The Doctor was earnest in his convictions of the duty that lay before him, and his sister's consent to share the charge left him free to act. He felt all the best impulses of his nature challenged by the proposal. Here, at least, was one chance to snatch a brand from the burning,—to lead this poor little misguided wayfarer into those paths which are "paths of pleasantness." No image of French grace or of French modes was prefigured to the mind of the parson; his imagination had different range. He saw a young innocent (so far as any child in his view could be innocent) who prattled in the terrible language of Rousseau and Voltaire, who by the providence of God had been born in a realm where all iniquities flourished, and to whom, by the further and richer providence of God, a means of escape was now offered. He would no more have thought of declining the proposed service, even though the poor girl were dressed in homespun and clattered in sabots, than he would have closed his ear to the cry of a drowning child.

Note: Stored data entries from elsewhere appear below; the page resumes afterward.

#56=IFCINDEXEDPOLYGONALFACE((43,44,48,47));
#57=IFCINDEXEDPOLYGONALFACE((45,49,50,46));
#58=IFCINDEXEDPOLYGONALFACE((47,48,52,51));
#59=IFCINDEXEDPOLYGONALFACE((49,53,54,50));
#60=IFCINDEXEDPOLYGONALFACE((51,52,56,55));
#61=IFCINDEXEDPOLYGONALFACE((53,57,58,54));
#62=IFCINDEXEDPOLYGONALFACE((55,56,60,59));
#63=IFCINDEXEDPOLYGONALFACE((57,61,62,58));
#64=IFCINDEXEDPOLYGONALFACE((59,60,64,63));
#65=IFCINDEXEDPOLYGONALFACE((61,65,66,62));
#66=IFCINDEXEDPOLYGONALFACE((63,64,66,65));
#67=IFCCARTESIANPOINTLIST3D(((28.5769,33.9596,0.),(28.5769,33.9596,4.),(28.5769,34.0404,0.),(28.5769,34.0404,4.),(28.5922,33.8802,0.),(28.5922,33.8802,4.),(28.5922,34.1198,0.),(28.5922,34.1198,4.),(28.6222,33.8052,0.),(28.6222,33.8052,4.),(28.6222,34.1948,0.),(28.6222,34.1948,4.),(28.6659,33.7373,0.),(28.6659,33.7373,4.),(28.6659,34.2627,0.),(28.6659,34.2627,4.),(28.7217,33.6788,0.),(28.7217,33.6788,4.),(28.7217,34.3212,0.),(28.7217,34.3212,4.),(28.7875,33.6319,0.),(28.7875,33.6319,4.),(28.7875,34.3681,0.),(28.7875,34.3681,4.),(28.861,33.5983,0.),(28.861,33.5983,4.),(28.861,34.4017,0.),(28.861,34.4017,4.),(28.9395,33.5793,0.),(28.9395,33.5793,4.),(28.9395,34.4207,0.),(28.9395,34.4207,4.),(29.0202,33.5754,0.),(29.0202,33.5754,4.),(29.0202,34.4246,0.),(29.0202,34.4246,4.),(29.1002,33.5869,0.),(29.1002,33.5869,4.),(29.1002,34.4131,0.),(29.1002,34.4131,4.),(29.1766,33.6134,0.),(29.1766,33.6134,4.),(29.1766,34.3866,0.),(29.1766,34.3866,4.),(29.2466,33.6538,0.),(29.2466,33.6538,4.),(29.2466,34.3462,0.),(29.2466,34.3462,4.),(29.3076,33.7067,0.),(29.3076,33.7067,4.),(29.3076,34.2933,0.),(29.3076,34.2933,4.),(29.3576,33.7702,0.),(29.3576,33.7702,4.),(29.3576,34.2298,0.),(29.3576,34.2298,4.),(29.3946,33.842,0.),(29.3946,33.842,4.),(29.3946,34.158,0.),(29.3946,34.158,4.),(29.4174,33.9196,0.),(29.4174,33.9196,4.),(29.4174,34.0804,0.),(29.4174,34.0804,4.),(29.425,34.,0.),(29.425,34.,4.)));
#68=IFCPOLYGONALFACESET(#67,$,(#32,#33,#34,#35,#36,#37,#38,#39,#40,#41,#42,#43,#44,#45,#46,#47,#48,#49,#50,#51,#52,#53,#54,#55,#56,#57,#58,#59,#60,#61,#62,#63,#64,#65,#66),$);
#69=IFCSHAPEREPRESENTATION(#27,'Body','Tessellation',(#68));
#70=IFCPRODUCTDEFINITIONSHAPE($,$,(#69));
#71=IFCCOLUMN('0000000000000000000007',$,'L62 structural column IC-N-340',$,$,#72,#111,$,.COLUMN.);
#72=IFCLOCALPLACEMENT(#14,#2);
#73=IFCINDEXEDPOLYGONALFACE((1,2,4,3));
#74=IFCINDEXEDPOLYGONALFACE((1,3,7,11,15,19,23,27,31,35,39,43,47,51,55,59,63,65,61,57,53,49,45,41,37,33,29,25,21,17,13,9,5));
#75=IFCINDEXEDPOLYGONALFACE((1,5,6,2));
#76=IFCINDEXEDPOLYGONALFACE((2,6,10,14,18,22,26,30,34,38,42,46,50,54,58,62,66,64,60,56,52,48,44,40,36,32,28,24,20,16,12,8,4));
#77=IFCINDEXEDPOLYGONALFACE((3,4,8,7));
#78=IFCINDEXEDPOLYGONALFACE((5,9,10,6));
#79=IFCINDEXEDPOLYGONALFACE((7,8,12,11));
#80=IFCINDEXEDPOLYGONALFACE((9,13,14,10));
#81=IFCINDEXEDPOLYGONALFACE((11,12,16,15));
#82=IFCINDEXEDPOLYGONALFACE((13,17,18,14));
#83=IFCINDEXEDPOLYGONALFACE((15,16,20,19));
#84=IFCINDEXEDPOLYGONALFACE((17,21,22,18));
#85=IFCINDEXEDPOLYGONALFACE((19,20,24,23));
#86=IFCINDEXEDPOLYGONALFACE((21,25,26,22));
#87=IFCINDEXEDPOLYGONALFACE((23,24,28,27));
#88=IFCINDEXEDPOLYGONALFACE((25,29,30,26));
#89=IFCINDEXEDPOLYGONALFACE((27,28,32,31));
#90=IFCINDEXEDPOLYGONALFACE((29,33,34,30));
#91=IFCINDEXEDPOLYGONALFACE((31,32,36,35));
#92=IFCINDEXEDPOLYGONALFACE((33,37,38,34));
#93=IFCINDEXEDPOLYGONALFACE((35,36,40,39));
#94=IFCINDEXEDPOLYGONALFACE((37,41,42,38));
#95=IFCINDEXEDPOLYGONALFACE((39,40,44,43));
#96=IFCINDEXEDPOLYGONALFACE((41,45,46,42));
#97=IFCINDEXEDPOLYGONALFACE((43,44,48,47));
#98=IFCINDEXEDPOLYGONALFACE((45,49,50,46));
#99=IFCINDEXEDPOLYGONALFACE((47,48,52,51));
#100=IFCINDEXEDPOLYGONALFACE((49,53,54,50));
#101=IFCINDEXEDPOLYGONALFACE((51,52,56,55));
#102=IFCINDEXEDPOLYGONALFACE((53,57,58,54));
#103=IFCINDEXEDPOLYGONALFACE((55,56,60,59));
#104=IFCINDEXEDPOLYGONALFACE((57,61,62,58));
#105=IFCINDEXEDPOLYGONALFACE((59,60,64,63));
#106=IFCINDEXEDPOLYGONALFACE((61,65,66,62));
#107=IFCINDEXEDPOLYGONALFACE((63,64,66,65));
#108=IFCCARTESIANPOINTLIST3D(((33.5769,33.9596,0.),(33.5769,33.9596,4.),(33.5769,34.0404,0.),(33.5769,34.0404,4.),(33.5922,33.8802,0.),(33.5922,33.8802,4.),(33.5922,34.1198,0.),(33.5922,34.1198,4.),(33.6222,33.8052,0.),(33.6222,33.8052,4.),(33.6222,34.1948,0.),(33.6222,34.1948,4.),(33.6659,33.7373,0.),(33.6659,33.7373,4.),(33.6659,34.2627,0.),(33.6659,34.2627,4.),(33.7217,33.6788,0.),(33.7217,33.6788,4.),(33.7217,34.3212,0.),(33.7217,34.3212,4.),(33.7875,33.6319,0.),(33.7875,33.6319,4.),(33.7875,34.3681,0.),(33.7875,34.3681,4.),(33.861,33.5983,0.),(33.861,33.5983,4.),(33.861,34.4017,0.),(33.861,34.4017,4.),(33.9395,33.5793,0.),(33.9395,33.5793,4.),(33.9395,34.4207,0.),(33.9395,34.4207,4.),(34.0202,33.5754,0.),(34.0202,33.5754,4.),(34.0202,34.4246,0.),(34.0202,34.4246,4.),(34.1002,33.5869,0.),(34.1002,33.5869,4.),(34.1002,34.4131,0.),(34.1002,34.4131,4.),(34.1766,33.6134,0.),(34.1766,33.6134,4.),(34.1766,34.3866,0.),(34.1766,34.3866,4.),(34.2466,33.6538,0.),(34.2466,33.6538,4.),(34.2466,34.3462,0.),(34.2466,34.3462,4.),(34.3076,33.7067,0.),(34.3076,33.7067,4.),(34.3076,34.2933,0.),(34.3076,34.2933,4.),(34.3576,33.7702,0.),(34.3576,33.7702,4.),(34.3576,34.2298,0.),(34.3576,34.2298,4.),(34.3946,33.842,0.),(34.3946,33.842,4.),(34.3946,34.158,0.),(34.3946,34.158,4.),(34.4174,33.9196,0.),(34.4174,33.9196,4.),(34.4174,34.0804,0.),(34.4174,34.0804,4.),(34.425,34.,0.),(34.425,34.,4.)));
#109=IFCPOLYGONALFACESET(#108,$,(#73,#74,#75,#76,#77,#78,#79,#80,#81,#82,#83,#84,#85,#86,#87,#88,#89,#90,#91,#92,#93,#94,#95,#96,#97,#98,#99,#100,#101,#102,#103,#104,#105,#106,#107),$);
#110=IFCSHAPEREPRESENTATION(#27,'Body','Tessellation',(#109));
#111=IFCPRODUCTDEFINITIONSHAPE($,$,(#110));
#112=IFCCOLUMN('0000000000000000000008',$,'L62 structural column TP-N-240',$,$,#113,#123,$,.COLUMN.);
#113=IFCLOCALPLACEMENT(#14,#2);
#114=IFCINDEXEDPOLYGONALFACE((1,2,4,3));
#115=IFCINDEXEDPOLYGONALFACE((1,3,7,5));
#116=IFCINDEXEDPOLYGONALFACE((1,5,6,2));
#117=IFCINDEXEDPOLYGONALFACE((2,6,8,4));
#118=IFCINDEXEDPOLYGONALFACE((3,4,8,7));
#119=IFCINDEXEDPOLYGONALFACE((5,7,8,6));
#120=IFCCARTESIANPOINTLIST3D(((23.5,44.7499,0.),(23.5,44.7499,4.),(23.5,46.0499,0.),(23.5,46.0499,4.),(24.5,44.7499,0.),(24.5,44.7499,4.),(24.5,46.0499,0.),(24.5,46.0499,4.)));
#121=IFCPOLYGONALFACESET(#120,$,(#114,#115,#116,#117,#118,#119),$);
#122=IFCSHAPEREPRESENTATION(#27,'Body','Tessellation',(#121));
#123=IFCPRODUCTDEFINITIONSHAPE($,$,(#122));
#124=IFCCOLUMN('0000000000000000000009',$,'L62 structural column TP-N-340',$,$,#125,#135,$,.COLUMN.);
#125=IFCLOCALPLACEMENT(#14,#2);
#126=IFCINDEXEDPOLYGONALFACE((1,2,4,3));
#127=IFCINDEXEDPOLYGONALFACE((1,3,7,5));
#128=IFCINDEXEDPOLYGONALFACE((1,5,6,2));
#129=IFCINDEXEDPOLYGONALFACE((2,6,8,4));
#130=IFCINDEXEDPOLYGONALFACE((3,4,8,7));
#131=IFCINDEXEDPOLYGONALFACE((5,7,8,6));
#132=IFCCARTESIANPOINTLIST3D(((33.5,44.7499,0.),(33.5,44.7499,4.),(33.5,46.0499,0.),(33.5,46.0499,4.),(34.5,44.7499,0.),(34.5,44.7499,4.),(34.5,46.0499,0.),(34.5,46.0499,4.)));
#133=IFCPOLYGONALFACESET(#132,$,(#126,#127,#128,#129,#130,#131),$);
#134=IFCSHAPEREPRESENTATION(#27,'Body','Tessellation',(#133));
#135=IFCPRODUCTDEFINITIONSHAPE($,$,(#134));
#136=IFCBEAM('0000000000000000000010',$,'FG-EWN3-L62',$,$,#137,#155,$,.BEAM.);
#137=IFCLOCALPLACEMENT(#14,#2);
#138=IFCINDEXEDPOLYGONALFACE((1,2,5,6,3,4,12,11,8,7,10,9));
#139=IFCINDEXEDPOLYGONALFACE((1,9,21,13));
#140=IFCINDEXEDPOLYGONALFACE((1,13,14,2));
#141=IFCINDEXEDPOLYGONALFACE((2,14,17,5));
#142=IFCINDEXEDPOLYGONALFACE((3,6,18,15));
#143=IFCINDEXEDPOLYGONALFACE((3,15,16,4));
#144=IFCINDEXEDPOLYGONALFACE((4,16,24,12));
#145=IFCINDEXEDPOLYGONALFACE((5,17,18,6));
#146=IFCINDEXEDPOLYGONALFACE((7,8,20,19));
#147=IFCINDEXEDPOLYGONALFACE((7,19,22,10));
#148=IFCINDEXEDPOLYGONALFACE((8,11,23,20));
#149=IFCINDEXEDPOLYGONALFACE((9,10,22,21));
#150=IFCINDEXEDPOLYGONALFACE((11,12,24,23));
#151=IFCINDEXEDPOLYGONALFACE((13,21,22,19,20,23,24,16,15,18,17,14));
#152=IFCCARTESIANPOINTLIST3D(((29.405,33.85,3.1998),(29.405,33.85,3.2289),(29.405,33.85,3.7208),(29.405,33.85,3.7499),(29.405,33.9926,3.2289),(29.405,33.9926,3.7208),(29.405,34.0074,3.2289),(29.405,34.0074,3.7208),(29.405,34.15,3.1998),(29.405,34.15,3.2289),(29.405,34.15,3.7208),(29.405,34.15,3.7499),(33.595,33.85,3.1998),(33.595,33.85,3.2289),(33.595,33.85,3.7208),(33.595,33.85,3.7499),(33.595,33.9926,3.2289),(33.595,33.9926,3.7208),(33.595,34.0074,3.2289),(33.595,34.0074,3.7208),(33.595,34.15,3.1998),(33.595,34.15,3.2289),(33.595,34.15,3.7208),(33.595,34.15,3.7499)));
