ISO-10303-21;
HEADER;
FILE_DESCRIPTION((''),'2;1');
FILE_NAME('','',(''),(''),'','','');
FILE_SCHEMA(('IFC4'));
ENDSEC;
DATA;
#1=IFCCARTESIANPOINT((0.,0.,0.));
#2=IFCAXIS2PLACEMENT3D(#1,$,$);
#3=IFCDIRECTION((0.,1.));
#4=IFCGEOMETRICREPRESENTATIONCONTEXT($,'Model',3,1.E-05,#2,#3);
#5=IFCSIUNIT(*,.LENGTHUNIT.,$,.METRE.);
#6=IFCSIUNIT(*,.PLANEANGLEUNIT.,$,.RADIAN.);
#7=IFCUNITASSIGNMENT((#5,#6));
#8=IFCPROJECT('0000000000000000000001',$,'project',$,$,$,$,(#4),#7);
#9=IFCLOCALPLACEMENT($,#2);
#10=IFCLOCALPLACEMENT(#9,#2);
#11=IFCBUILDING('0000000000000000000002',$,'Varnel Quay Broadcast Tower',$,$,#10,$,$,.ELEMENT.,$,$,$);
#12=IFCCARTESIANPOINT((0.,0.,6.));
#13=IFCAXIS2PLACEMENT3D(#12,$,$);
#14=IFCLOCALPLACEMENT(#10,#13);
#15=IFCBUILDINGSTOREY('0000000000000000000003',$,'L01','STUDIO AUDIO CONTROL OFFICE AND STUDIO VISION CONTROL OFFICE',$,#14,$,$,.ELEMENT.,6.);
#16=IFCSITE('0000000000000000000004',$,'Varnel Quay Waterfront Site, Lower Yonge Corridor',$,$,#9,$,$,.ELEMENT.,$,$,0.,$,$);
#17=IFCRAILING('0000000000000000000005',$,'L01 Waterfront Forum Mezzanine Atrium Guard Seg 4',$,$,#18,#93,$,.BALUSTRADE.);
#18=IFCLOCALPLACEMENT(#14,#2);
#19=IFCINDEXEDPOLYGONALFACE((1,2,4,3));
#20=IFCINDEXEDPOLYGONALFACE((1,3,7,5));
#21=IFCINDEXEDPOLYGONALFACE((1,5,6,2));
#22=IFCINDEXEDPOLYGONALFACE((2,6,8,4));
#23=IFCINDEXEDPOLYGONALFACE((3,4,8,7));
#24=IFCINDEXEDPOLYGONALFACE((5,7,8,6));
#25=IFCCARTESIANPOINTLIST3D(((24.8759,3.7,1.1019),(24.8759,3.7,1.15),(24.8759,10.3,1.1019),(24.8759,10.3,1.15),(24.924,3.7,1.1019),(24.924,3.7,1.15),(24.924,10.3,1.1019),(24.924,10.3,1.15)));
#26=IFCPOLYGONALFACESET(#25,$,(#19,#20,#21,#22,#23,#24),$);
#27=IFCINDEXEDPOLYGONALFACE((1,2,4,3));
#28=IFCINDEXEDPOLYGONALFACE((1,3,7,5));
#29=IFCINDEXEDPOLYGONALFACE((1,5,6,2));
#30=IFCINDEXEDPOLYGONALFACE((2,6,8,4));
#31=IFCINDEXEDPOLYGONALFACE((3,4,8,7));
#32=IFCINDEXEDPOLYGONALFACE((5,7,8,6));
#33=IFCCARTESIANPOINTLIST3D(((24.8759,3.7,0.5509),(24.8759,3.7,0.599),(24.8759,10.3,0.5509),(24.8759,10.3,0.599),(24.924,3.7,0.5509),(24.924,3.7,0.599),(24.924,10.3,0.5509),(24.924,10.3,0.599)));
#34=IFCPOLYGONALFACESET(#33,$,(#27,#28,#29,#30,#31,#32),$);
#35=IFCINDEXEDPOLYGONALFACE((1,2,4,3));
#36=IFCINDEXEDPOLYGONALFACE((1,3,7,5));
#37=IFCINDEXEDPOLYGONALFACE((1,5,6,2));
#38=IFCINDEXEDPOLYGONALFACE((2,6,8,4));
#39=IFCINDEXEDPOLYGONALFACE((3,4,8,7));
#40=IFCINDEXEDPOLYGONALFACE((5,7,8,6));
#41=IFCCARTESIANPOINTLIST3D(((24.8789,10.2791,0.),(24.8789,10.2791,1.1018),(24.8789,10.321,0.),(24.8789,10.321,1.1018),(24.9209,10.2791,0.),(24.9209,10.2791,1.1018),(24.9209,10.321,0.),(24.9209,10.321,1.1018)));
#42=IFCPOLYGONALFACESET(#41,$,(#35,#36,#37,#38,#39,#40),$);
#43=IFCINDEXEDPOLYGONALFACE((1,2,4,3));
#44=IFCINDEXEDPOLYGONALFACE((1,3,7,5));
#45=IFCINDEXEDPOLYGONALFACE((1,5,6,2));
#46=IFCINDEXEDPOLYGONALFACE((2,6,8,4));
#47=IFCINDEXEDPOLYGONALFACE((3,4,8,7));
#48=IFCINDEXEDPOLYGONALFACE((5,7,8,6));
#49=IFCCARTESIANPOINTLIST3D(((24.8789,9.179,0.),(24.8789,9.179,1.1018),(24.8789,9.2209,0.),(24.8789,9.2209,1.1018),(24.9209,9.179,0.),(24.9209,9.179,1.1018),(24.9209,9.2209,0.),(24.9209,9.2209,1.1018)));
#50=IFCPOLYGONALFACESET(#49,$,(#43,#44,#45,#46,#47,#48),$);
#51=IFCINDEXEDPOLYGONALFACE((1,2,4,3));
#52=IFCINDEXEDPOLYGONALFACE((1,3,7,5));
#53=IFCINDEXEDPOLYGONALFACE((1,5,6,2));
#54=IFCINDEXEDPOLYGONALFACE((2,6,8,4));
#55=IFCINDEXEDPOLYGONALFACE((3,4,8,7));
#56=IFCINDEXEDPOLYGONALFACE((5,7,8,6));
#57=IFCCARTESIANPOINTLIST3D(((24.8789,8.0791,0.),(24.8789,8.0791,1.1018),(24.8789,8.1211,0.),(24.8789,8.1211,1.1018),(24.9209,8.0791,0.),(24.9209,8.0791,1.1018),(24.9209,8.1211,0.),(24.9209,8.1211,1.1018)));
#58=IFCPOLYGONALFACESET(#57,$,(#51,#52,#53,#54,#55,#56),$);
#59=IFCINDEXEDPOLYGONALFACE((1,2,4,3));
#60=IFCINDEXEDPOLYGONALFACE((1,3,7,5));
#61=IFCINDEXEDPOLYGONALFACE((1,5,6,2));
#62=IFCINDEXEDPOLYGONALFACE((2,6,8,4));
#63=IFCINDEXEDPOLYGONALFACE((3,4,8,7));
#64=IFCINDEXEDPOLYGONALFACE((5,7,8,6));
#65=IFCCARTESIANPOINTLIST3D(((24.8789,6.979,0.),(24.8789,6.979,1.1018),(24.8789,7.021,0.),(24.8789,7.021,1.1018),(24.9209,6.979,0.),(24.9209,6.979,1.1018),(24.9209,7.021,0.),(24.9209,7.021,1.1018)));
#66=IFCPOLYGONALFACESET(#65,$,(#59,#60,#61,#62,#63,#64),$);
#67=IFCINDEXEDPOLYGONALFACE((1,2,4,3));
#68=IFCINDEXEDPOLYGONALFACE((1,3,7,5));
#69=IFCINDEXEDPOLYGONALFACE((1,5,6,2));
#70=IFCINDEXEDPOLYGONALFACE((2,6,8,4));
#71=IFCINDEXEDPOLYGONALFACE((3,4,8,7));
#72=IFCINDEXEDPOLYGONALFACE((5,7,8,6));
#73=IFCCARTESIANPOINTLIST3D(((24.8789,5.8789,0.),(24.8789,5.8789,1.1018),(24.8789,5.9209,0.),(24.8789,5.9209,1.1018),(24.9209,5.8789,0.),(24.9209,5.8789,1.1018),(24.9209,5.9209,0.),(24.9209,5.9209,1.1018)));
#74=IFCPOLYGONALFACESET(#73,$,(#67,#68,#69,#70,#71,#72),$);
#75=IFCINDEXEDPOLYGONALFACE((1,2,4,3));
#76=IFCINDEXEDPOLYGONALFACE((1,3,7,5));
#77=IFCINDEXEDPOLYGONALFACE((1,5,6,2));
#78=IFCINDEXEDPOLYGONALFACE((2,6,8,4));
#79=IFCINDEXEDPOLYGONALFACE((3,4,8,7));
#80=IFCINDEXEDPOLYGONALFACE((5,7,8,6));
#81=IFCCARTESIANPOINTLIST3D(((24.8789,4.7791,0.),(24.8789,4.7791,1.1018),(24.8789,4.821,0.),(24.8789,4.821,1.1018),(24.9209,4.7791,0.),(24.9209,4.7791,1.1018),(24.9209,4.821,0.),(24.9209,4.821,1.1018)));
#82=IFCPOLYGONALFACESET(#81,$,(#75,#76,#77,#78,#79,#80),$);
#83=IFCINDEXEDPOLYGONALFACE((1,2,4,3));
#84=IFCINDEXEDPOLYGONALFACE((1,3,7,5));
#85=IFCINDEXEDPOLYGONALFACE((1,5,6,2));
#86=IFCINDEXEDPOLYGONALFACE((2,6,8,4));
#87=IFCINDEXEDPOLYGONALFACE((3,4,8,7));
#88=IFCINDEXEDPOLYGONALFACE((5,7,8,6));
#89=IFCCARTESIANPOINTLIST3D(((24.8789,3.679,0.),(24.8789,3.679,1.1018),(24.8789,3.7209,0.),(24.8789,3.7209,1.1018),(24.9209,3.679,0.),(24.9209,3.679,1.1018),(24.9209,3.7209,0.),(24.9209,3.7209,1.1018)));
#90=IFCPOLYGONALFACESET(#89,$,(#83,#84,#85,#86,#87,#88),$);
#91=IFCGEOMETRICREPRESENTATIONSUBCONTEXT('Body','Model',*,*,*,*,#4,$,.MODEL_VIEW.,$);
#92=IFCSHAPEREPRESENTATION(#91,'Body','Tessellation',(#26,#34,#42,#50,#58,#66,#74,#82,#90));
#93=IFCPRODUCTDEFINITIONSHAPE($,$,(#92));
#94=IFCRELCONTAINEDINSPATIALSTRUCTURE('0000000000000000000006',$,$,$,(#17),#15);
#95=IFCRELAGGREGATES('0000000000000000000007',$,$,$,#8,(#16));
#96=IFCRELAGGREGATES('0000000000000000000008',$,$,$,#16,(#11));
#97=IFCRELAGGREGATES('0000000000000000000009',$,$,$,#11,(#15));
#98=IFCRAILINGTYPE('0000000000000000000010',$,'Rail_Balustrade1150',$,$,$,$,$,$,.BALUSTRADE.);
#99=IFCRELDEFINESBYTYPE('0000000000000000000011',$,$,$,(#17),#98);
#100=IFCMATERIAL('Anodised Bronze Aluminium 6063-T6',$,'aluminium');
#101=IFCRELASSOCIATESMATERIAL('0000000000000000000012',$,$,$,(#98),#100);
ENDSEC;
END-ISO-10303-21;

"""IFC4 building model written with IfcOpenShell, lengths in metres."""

from ifc_helpers import new_model, si_unit, direction, frame, origin, origin_2d, place, context, subcontext, project, spatial, rectangle, extrude, material, type_object, element, save


model = new_model("IFC4")

# Units and contexts
model_context = context("Model", 3, precision=1e-05, world=origin(), true_north=direction((0.0, 1.0)))
body_context = subcontext(model_context, "Body", "Model", "MODEL_VIEW")
ifc_project = project(units=[si_unit("LENGTHUNIT", "METRE"), si_unit("PLANEANGLEUNIT", "RADIAN")], contexts=[model_context])

# Site, building, storey
site_placement = place(None, origin())
site = spatial("IfcSite", under=ifc_project, at=site_placement, Name="Varnel Quay Waterfront Site, Lower Yonge Corridor", CompositionType="ELEMENT", RefElevation=0.0)
building_placement = place(site_placement, origin())
building = spatial("IfcBuilding", under=site, at=building_placement, Name="Varnel Quay Broadcast Tower", CompositionType="ELEMENT")
storey_placement = place(building_placement, frame((0.0, 0.0, 6.0)))
storey = spatial("IfcBuildingStorey", under=building, at=storey_placement, Name="L01", Description="STUDIO AUDIO CONTROL OFFICE AND STUDIO VISION CONTROL OFFICE", CompositionType="ELEMENT", Elevation=6.0)

# Railing
ifc_material_1 = material(Name="Anodised Bronze Aluminium 6063-T6", Category="aluminium")
railing_type = type_object("IfcRailingType", Name="Rail_Balustrade1150", PredefinedType="BALUSTRADE", material=ifc_material_1)
railing_1_placement = place(storey_placement, frame((24.8999, 10.3, 0.0)))
element("IfcRailing", 1, at=railing_1_placement, inside=storey, type_object=railing_type, Name="L01 Waterfront Forum Mezzanine Atrium Guard Seg 4", PredefinedType="BALUSTRADE", context=body_context, shape_type="SweptSolid", body=[
    extrude(rectangle(XDim=0.0481, YDim=0.0481, at=origin_2d()), frame((0.0, 0.0, 1.126), z_axis=(0.0, -1.0, 0.0), x_axis=(1.0, 0.0, 0.0)), (0.0, 0.0, 1.0), 6.6001),
    extrude(rectangle(XDim=0.0481, YDim=0.0481, at=origin_2d()), frame((0.0, 0.0, 0.575), z_axis=(0.0, -1.0, 0.0), x_axis=(1.0, 0.0, 0.0)), (0.0, 0.0, 1.0), 6.6001),
    extrude(rectangle(XDim=0.042, YDim=0.042, at=origin_2d()), origin(), (0.0, 0.0, 1.0), 1.1018),
    extrude(rectangle(XDim=0.042, YDim=0.042, at=origin_2d()), frame((0.0, -1.1001, 0.0)), (0.0, 0.0, 1.0), 1.1018),
    extrude(rectangle(XDim=0.042, YDim=0.042, at=origin_2d()), frame((0.0, -2.2, 0.0)), (0.0, 0.0, 1.0), 1.1018),
    extrude(rectangle(XDim=0.042, YDim=0.042, at=origin_2d()), frame((0.0, -3.3, 0.0)), (0.0, 0.0, 1.0), 1.1018),
    extrude(rectangle(XDim=0.042, YDim=0.042, at=origin_2d()), frame((0.0, -4.4001, 0.0)), (0.0, 0.0, 1.0), 1.1018),
    extrude(rectangle(XDim=0.042, YDim=0.042, at=origin_2d()), frame((0.0, -5.5, 0.0)), (0.0, 0.0, 1.0), 1.1018),
    extrude(rectangle(XDim=0.042, YDim=0.042, at=origin_2d()), frame((0.0, -6.6001, 0.0)), (0.0, 0.0, 1.0), 1.1018),
])

save(model, "model.ifc")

Within that very week the Doctor wrote his reply to Maverick. He assured him that he would most gladly undertake the trust he had proposed,—"hoping, by God's grace, to lead the little one away from the delusions of sense and the abominations of Antichrist, to the fold of the faithful."

"I could wish," he continued, "that you had given me more definite information in regard to the character of her early religious instruction, and told me how far the child may still remain under the mother's influence in this respect; for, next to special interposition of Divine Grace, I know no influence so strong in determining religious tendencies as the early instruction or example of a mother.

"My sister has promised to give home care to the little stranger, and will, I am sure, welcome her with zeal It will be our purpose to place your daughter at the day-school of a worthy person, Miss Betsey Onthank, who has had large experience, and under whose tuition my boy Reuben has been for some time established. My sister and myself are both of opinion that the presence of any French attendant upon the child would be undesirable.

"I hope that God may have mercy upon the French people,—and that those who dwell temporarily among them may be watched over and be graciously snatched from the great destruction that awaits the ungodly."